Private placement offerings allow companies to raise money by selling stocks, bonds and other instruments. Such offerings may be exempt from federal securities registration requirements. This exemption enables a company to raise business capital without having to comply with the registration requirements of a public securities offering. Because private placement offerings made in reliance on Rule 506 of Regulation D are not reviewed by regulators, they have become a haven for fraud. According to the most recent enforcement statistics from the North American Securities Administrators Association, private placement offerings are the most frequent source of broker misconduct cases enforced by state securities regulators.
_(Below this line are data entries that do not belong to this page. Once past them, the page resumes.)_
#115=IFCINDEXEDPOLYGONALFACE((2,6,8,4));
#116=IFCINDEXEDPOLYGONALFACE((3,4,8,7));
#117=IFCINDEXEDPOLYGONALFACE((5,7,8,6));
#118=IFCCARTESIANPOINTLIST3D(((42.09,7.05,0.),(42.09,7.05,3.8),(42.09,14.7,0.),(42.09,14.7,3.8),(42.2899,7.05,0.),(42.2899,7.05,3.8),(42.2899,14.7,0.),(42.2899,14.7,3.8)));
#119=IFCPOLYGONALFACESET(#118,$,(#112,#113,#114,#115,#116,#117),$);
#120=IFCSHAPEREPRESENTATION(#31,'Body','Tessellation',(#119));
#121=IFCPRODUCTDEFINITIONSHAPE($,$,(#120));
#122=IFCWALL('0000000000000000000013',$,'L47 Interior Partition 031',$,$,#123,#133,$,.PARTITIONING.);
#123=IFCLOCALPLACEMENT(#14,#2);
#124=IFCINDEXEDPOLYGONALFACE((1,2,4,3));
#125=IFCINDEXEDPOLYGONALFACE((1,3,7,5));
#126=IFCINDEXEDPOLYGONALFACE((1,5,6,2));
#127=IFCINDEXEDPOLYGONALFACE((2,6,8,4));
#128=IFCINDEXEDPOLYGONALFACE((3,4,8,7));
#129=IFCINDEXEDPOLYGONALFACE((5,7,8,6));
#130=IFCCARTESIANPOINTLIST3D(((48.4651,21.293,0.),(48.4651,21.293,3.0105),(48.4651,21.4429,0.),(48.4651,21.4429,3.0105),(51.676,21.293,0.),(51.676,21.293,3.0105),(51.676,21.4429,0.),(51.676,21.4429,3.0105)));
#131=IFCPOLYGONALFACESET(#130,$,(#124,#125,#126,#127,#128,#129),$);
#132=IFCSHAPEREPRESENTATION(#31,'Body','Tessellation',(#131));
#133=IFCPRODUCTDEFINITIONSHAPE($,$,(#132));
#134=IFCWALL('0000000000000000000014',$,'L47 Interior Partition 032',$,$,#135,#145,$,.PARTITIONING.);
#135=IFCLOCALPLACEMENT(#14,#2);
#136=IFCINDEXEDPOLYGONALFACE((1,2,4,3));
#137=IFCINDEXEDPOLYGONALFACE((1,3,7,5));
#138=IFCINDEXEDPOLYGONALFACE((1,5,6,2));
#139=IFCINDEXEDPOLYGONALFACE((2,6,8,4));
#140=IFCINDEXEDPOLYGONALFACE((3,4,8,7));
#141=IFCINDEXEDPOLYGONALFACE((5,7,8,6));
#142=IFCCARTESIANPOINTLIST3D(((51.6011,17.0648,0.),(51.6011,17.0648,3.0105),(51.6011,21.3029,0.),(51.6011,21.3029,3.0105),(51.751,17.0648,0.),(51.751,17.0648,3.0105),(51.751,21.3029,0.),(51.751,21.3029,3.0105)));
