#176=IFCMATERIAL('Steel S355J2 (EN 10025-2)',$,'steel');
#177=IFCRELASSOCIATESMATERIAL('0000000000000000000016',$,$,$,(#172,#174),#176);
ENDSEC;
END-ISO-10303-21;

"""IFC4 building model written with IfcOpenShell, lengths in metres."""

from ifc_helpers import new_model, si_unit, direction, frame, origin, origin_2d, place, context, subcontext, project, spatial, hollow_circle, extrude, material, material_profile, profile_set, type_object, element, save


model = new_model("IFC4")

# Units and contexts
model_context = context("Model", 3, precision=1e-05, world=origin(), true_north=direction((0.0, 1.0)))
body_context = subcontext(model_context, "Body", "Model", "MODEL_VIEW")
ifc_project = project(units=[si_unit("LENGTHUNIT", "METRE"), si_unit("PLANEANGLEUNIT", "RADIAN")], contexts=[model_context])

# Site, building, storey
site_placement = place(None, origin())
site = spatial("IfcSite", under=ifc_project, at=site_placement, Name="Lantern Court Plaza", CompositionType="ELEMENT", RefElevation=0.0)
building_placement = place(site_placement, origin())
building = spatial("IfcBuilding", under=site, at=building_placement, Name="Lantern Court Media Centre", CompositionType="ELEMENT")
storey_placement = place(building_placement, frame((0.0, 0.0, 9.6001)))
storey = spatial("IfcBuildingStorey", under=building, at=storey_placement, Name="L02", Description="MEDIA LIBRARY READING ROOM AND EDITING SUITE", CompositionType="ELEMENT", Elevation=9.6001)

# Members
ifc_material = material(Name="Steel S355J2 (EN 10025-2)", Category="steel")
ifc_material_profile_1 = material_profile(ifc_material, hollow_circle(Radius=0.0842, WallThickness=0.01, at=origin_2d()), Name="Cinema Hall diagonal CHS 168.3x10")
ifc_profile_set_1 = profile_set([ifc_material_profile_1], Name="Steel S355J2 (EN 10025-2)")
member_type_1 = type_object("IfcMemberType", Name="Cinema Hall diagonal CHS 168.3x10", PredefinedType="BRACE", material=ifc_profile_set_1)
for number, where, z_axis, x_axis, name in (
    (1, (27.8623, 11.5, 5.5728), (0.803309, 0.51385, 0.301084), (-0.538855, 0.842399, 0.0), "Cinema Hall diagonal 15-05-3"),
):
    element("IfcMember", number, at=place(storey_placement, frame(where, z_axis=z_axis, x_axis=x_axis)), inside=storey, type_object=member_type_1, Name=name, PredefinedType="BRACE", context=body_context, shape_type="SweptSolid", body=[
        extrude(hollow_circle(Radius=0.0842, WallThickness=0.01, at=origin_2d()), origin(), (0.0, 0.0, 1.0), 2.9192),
An alternative investment is one that is not one of the three traditional asset types (stocks, bonds or cash). Most alternative investment assets are held by institutional investors or accredited, high-net-worth individuals because of their complex nature, limited regulations and relative lack of liquidity. Alternative investments include hedge funds, pension advance offerings, virtual currency, real estate investment trusts (REITS), commodities and derivatives contracts.
Many alternative investments also have high minimum investments and fee structures compared to mutual funds and traditional Exchange Traded Funds (ETFs). Moreover, the values of alternative investments indicated on brokerage statements are often inaccurate or inflated.